Chevron is another major American oil and gas company. While Chevron is an American company, most of its natural gas production actually comes from its work in Australia and Asia. In 2021, it produced 1.69 billion cubic feet of natural gas per day in the U.S., but 6 billion cubic feet per day internationally.
Its net income in 2021 was $15.63 million, up from a $5.54 million loss in 2020. Net income was also low in 2019 at just $2.92 million, but was higher when the market was paying more for oil in 2018 – when Chevron brought in a net income of $14.82 million.
President Biden has recently encouraged American oil and gas companies to increase output to reduce a supply shortage caused by the sanctions placed on Russian companies after the country’s invasion of Ukraine. Chevron has enthusiastically answered the call. In Q1 of 2022, it increased its oil and gas production in the Permian Basin by 10%.
The company’s 2021 net income bounce back is an encouraging sign, though profits are still highly dependent on the price of oil. It will be interesting to see how increased Permian Basin production affects 2022 profits.
Shell is a formerly-Dutch-now-British oil and gas company. It is currently leading the largest private construction project in Canada’s history by building out natural gas drilling, pipeline, and liquefaction along British Columbia’s coast. It won’t be complete for a few years, but it’s projected to produce and export over 14 million tons of chilled, liquified natural gas per year.
Shell’s net income for 2021 was $14.62 million, recovering from a net loss of $16.91 million in 2020. Its net net income losses in 2019 weren’t as severe as they were for other oil and gas producers – 2019 net income went down to $12.42 million from $17.51 million in 2018.
Just last year, The Hague ruled against Shell for violating the Netherlands’ laws around environmental standards of care. The company was ordered to more than double its carbon emission reduction goals set for 2030. The ruling ultimately led the company to leave the Netherlands altogether and reheadquarter itself in London in dramatic fashion.
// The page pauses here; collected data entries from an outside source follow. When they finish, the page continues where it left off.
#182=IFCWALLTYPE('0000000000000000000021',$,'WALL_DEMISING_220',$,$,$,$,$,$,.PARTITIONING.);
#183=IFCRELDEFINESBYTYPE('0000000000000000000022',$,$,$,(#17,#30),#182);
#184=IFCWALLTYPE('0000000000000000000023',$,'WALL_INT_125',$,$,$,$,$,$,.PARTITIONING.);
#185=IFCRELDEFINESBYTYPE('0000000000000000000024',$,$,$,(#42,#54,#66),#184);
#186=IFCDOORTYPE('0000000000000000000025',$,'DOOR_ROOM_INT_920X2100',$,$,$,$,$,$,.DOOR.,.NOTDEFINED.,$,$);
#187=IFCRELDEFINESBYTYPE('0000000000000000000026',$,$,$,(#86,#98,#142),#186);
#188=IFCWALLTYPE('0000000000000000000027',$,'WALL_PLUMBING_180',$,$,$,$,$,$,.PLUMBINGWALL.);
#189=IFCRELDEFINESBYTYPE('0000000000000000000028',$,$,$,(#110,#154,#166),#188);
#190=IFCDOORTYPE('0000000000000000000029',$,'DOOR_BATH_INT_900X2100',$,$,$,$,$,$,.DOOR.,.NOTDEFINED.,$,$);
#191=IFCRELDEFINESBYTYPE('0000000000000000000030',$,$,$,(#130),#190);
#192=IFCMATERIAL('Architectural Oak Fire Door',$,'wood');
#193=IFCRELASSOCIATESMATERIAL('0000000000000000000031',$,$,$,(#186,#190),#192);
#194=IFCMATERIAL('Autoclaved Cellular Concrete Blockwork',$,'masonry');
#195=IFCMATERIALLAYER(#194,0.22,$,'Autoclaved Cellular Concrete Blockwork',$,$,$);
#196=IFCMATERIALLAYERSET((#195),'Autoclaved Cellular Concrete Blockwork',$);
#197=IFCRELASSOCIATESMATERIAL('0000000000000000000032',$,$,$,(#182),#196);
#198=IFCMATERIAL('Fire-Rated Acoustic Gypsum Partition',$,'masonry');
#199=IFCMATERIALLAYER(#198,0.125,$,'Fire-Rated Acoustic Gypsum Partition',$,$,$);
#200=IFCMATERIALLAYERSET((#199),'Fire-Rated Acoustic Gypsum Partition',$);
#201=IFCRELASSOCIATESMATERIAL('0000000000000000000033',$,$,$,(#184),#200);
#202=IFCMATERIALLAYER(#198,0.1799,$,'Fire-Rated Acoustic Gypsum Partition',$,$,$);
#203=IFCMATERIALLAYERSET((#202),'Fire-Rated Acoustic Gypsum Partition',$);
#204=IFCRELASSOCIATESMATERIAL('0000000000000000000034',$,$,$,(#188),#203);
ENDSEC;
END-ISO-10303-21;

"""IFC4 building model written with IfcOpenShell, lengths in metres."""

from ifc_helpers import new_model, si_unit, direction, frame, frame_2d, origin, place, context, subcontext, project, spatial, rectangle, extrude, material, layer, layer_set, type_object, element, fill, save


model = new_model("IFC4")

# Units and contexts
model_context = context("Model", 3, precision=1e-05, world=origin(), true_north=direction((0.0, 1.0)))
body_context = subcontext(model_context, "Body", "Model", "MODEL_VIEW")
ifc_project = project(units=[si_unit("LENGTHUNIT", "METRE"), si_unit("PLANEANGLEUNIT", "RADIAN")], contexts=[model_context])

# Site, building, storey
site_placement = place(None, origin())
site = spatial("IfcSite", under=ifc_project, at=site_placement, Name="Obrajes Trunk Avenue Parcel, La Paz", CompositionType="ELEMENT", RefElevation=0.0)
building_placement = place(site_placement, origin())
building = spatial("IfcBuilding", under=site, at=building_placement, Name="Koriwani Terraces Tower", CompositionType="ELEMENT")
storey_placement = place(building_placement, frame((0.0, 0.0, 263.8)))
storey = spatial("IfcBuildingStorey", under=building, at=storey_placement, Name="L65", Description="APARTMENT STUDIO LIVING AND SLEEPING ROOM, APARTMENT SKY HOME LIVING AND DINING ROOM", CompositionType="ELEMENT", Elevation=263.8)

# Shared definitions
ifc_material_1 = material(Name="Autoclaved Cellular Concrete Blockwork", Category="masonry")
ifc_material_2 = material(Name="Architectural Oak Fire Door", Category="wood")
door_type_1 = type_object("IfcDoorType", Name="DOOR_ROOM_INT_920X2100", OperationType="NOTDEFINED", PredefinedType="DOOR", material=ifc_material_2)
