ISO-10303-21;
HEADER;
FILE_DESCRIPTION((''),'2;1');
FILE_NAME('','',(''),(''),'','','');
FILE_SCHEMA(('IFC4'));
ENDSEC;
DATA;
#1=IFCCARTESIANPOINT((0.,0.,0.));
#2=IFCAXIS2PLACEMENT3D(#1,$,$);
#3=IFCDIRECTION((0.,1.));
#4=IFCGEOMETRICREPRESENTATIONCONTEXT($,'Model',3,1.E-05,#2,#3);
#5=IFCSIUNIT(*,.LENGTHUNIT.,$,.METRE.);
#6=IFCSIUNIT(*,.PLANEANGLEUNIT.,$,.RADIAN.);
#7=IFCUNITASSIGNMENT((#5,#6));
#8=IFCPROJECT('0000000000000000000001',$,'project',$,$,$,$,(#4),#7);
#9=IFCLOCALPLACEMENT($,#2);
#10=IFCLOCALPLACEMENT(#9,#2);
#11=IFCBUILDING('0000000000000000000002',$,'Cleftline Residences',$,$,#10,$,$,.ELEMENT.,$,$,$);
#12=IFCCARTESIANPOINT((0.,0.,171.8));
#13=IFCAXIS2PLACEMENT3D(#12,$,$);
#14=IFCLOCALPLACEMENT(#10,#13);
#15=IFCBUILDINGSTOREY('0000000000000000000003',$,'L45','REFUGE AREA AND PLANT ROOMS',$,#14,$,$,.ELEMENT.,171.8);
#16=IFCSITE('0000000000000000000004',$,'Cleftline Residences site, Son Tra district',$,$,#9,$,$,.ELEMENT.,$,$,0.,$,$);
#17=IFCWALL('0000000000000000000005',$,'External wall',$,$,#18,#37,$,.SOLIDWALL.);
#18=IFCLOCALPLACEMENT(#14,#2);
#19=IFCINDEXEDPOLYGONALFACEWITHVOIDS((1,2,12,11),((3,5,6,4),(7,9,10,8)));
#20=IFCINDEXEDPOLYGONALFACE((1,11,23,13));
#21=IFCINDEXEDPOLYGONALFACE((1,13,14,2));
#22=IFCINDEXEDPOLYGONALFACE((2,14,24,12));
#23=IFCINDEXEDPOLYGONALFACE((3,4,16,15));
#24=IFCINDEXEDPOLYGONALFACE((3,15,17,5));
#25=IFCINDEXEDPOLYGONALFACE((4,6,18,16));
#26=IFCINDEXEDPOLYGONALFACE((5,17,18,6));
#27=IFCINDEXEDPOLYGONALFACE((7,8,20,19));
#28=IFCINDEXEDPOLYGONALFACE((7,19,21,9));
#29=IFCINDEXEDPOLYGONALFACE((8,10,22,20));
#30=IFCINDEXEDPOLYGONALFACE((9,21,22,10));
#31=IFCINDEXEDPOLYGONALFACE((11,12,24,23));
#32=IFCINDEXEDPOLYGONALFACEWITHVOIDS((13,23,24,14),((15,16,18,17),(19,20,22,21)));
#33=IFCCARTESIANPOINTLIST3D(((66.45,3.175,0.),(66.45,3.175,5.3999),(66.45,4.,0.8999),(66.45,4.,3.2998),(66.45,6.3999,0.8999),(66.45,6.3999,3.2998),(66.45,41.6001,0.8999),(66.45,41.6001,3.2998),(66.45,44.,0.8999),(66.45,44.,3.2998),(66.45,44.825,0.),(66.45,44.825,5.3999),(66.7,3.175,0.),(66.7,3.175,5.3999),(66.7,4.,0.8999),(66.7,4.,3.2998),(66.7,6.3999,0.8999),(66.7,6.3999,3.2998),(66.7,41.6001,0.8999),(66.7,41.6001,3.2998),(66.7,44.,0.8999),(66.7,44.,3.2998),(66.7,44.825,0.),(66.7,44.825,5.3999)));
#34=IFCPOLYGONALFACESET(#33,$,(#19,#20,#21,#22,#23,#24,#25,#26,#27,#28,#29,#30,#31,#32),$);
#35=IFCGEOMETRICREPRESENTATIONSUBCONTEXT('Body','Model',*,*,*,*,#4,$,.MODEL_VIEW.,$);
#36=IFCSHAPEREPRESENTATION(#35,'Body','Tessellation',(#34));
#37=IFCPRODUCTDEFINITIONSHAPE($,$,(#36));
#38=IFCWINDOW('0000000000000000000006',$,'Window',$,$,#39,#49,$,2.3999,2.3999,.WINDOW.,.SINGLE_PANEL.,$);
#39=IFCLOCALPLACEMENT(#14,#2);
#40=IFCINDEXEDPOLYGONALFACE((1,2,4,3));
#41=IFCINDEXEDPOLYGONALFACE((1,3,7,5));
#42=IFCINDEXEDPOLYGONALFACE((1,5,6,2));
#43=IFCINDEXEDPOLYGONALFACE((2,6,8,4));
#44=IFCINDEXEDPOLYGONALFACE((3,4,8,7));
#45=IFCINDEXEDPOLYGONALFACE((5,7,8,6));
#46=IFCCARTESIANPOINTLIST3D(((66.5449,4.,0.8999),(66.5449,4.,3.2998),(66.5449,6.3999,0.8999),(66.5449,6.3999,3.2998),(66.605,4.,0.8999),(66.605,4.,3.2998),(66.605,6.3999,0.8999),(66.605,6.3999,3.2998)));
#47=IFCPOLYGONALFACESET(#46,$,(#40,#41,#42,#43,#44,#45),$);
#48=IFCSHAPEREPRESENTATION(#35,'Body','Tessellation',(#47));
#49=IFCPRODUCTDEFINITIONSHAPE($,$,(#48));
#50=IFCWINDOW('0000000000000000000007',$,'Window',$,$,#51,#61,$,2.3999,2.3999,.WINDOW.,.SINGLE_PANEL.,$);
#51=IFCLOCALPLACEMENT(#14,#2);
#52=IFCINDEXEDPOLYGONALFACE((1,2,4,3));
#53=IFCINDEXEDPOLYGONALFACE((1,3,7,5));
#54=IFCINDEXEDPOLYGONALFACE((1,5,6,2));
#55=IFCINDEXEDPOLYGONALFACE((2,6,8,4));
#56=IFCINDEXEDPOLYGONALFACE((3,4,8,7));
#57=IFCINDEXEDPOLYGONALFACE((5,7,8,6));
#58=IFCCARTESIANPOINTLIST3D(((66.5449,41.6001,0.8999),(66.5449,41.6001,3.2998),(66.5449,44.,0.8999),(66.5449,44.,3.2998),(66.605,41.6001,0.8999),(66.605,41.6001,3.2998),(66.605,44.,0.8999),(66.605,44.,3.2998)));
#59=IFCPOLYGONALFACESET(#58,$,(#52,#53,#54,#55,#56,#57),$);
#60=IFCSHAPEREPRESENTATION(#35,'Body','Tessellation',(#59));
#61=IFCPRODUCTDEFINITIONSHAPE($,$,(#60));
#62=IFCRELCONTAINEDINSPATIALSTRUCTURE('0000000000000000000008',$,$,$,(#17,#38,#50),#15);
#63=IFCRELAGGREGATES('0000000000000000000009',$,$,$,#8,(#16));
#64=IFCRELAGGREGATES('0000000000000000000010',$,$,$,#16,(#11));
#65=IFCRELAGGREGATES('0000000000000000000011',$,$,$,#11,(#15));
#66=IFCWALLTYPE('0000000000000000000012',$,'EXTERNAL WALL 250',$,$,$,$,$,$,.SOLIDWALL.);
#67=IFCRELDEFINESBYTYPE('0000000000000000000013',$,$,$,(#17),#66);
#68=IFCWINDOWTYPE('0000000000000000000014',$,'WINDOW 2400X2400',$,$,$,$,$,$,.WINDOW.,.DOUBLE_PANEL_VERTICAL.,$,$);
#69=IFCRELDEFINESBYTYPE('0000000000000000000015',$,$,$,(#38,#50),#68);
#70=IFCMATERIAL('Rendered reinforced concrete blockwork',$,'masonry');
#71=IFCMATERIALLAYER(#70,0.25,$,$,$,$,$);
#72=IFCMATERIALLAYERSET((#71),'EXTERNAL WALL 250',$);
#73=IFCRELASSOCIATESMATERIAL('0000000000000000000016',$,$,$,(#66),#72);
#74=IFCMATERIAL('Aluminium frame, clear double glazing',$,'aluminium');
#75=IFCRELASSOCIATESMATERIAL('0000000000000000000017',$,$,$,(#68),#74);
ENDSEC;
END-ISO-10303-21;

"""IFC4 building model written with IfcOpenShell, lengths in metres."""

from ifc_helpers import new_model, si_unit, direction, frame, frame_2d, origin, place, context, subcontext, project, spatial, rectangle, extrude, material, layer, layer_set, type_object, element, fill, save


model = new_model("IFC4")

# Units and contexts
model_context = context("Model", 3, precision=1e-05, world=origin(), true_north=direction((0.0, 1.0)))
body_context = subcontext(model_context, "Body", "Model", "MODEL_VIEW")
ifc_project = project(units=[si_unit("LENGTHUNIT", "METRE"), si_unit("PLANEANGLEUNIT", "RADIAN")], contexts=[model_context])

# Site, building, storey
site_placement = place(None, origin())
site = spatial("IfcSite", under=ifc_project, at=site_placement, Name="Cleftline Residences site, Son Tra district", CompositionType="ELEMENT", RefElevation=0.0)
building_placement = place(site_placement, origin())
building = spatial("IfcBuilding", under=site, at=building_placement, Name="Cleftline Residences", CompositionType="ELEMENT")
storey_placement = place(building_placement, frame((0.0, 0.0, 171.8)))
storey = spatial("IfcBuildingStorey", under=building, at=storey_placement, Name="L45", Description="REFUGE AREA AND PLANT ROOMS", CompositionType="ELEMENT", Elevation=171.8)

# Wall, openings, windows
ifc_material_1 = material(Name="Rendered reinforced concrete blockwork", Category="masonry")
ifc_layer_1 = layer(ifc_material_1, 0.25)
ifc_layer_set_1 = layer_set([ifc_layer_1], Name="EXTERNAL WALL 250")
wall_type = type_object("IfcWallType", Name="EXTERNAL WALL 250", PredefinedType="SOLIDWALL", material=ifc_layer_set_1)
wall_placement = place(storey_placement, frame((66.575, 3.175, 0.0), z_axis=(0.0, 0.0, 1.0), x_axis=(0.0, 1.0, 0.0)))
wall = element("IfcWall", 1, at=wall_placement, inside=storey, type_object=wall_type, Name="External wall", PredefinedType="SOLIDWALL", context=body_context, shape_type="SweptSolid", body=[
    extrude(rectangle(XDim=41.6499, YDim=0.25, at=frame_2d((20.825, 0.0))), origin(), (0.0, 0.0, 1.0), 5.3999),
])
opening_1_placement = place(wall_placement, frame((0.825, 0.0, 0.8999)))
opening_1 = element("IfcOpeningElement", 2, at=opening_1_placement, cuts=wall, PredefinedType="OPENING", context=body_context, shape_type="SweptSolid", body=[
    extrude(rectangle(XDim=2.3999, YDim=2.3999, at=frame_2d((1.2, 1.2))), frame((0.0, 0.135, 0.0), z_axis=(0.0, -1.0, 0.0), x_axis=(1.0, 0.0, 0.0)), (0.0, 0.0, 1.0), 0.27),
])
opening_2_placement = place(wall_placement, frame((38.425, 0.0, 0.8999)))
opening_2 = element("IfcOpeningElement", 3, at=opening_2_placement, cuts=wall, PredefinedType="OPENING", context=body_context, shape_type="SweptSolid", body=[
    extrude(rectangle(XDim=2.3999, YDim=2.3999, at=frame_2d((1.2, 1.2))), frame((0.0, 0.135, 0.0), z_axis=(0.0, -1.0, 0.0), x_axis=(1.0, 0.0, 0.0)), (0.0, 0.0, 1.0), 0.27),
])
ifc_material_2 = material(Name="Aluminium frame, clear double glazing", Category="aluminium")
window_type = type_object("IfcWindowType", Name="WINDOW 2400X2400", PartitioningType="DOUBLE_PANEL_VERTICAL", PredefinedType="WINDOW", material=ifc_material_2)
window_1_placement = place(opening_1_placement, origin())
window_1 = element("IfcWindow", 4, at=window_1_placement, inside=storey, type_object=window_type, Name="Window", OverallHeight=2.3999, OverallWidth=2.3999, PartitioningType="SINGLE_PANEL", PredefinedType="WINDOW", context=body_context, shape_type="SweptSolid", body=[
    extrude(rectangle(XDim=2.3999, YDim=2.3999, at=frame_2d((1.2, 1.2))), frame((0.0, 0.03, 0.0), z_axis=(0.0, -1.0, 0.0), x_axis=(1.0, 0.0, 0.0)), (0.0, 0.0, 1.0), 0.0601),
])
fill(opening_1, window_1)
window_2_placement = place(opening_2_placement, origin())
window_2 = element("IfcWindow", 5, at=window_2_placement, inside=storey, type_object=window_type, Name="Window", OverallHeight=2.3999, OverallWidth=2.3999, PartitioningType="SINGLE_PANEL", PredefinedType="WINDOW", context=body_context, shape_type="SweptSolid", body=[
    extrude(rectangle(XDim=2.3999, YDim=2.3999, at=frame_2d((1.2, 1.2))), frame((0.0, 0.03, 0.0), z_axis=(0.0, -1.0, 0.0), x_axis=(1.0, 0.0, 0.0)), (0.0, 0.0, 1.0), 0.0601),
])
fill(opening_2, window_2)

save(model, "model.ifc")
Shell’s net income is in line with that of other oil and gas companies over the past four years, dipping in 2019 and 2020, but recovering in 2021. Watch to see how its new British Columbia natural gas facility impacts future profits upon completion.
PetroChina is one of China’s state-run oil and gas companies. While many countries have been sanctioning Russian energy exports in recent months, Russian ally China has been increasing its imports from the country.
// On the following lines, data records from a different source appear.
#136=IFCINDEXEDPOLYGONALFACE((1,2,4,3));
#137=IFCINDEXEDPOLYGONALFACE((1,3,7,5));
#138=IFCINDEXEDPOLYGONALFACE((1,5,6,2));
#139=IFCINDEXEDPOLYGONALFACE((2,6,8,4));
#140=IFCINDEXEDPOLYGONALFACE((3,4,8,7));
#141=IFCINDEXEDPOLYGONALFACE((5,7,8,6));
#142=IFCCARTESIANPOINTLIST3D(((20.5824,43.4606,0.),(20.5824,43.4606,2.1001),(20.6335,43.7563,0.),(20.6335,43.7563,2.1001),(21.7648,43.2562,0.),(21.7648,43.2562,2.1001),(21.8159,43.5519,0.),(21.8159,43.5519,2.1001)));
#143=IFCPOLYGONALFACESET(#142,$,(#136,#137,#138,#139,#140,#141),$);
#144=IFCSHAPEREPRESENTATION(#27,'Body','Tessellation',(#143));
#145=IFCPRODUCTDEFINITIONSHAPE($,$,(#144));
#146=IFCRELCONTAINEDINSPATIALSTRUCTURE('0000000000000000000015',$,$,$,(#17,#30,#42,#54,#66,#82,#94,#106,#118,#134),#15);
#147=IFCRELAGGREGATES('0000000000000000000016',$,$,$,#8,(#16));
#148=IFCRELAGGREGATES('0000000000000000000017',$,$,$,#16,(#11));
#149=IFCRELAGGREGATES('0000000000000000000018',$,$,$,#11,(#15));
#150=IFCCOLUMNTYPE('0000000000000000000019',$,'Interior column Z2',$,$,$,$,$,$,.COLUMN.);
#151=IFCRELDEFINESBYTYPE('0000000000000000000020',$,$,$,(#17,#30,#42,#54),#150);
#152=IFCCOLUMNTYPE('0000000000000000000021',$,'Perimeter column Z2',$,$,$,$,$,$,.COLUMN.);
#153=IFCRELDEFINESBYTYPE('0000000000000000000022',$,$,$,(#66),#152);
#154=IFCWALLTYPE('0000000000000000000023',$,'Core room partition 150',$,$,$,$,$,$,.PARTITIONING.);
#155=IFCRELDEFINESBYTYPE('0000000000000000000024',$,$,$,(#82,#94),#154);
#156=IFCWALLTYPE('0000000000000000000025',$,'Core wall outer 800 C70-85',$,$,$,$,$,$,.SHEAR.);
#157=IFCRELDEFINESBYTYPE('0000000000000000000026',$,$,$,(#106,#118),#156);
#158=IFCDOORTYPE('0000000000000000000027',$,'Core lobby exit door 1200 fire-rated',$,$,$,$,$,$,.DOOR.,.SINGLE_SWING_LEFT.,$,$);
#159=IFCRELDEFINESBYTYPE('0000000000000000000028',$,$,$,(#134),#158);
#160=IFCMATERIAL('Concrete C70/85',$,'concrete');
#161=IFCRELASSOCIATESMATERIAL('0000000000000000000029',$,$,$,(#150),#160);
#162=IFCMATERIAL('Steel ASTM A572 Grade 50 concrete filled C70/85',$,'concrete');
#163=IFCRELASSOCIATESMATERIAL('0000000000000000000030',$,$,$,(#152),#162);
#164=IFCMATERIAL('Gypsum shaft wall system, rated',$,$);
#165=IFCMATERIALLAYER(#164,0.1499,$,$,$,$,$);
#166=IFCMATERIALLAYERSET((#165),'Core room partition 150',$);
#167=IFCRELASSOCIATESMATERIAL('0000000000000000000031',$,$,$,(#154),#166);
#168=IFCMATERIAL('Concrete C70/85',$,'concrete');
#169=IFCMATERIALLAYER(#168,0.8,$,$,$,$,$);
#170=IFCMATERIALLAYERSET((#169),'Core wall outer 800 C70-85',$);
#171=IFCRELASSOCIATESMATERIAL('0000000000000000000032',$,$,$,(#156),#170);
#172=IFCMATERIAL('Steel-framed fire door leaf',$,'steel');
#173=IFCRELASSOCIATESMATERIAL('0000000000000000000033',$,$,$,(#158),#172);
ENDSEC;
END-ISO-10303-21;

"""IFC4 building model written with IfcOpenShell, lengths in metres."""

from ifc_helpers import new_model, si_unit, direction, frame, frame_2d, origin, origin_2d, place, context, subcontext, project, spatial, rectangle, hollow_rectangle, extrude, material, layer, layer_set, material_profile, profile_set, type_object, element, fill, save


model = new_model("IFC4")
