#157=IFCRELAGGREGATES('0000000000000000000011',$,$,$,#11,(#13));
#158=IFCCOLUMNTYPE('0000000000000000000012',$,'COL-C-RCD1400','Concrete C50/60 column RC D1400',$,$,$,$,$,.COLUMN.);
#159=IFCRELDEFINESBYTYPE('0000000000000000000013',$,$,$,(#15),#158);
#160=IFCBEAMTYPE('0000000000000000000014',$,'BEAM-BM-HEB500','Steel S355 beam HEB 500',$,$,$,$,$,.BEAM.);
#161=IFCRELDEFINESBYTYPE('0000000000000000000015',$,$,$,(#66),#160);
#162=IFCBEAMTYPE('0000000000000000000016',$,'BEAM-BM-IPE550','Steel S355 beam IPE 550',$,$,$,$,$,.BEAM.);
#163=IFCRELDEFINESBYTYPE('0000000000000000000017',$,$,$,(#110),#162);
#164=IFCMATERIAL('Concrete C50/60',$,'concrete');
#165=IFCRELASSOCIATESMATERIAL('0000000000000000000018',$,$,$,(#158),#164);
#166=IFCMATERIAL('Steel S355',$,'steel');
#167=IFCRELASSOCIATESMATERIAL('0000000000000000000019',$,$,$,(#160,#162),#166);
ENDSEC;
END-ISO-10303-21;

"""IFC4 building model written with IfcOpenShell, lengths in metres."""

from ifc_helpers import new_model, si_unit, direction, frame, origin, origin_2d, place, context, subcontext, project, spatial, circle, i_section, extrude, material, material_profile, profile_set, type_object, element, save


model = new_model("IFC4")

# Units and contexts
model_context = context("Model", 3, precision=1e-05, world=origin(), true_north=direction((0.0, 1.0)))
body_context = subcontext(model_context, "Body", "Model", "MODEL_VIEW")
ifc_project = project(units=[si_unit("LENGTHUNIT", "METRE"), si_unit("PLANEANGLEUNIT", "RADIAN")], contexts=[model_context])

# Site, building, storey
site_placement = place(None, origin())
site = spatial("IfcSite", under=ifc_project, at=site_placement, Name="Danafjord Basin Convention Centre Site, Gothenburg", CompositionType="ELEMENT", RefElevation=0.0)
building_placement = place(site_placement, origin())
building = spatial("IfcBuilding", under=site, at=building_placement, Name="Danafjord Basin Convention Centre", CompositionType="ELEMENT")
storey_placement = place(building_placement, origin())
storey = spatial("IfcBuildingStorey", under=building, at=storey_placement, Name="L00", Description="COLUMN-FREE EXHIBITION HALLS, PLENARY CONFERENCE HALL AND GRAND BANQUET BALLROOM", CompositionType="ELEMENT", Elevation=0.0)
Net income in 2021 was remarkably high at about $12.94 billion. Even before the 2019/2020 slump, its net income in 2018 wasn’t that high at just $7.46 billion. Out of all the companies on this list, PetroChina’s net profits have made the most remarkable recovery.
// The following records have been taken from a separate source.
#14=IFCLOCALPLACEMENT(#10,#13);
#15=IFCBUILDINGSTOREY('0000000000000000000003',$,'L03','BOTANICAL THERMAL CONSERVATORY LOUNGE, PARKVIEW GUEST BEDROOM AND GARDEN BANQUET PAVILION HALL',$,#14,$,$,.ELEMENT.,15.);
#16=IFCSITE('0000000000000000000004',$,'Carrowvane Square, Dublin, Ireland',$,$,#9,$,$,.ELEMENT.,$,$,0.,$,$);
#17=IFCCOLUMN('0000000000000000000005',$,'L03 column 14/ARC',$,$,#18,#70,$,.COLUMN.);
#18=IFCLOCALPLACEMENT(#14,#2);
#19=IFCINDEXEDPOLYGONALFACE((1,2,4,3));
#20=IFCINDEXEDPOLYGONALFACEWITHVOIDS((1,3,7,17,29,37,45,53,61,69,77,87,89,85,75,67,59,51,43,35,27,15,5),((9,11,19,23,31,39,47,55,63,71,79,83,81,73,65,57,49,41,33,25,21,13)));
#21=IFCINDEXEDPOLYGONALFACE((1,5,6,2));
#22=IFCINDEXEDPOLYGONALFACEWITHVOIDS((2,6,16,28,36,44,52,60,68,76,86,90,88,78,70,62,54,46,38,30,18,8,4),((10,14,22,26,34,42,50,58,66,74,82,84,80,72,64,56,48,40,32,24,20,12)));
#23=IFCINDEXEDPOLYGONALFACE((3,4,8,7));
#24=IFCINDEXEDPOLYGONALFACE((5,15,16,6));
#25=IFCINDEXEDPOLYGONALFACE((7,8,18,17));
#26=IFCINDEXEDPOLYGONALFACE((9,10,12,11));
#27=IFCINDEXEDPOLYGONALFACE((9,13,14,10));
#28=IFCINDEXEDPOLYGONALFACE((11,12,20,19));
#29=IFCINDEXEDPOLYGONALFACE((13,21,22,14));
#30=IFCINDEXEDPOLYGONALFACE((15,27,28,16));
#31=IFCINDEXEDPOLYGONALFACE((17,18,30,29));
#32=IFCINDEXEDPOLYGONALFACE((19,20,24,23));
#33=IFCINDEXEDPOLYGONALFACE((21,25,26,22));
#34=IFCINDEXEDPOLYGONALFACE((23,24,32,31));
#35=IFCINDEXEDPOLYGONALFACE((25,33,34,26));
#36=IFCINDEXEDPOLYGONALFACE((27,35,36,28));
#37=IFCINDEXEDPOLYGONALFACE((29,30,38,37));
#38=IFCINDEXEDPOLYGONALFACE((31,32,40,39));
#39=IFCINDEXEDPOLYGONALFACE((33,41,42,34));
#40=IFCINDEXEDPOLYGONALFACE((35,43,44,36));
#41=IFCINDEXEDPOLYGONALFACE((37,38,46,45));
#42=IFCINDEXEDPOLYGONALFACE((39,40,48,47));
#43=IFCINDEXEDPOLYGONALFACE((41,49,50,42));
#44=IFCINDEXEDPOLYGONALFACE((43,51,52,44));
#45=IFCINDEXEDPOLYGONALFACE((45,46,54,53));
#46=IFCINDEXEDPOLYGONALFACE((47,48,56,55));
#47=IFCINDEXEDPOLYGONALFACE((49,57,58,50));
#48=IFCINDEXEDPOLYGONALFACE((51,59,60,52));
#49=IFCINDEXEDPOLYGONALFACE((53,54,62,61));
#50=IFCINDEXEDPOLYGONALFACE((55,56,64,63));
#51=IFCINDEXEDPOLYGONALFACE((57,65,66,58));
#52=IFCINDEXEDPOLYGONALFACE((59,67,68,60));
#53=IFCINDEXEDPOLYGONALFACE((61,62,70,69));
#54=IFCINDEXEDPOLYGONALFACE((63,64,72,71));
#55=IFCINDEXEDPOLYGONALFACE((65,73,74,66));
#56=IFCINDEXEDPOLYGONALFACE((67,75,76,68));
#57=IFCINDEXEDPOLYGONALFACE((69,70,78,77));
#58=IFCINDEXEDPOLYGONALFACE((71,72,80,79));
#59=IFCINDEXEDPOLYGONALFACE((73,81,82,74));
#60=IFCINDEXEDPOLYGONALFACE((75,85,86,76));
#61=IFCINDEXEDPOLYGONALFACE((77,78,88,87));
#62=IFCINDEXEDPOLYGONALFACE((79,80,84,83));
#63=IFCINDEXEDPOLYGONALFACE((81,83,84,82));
PetroChina and Russia’s Gazprom recently agreed to a pipeline deal that will import 10 billion cubic meters of Russian natural gas to China every year starting in 2023, and ongoing for the next 30 years. PetroChina plans to increase the proportion of its own natural gas production to 55% of its total production by 2025.
PetroChina’s 2022 Q1 and Q2 net income have already eclipsed what the company brought in over the entire year in 2021l. This may be partially attributable to a strategy China used to purchase and store oil while it was cheap earlier in the pandemic, and then resell it across Asia as prices started rising. Whether or not such strategies will lead to sustainable growth over time is questionable; it may just be an extremely profitable, short-term blip.
The war in Ukraine
The war in Ukraine and ensuing sanctions on Russian energy exports have impacted the price of oil and natural gas across the world. China could potentially make even more money by refining the Russian imports it receives, and all companies are likely to see a rise in demand – especially from the Western nations who are primarily the ones enforcing these sanctions.
More demand tends to mean higher prices, and higher prices mean more potential profit for companies in this sector.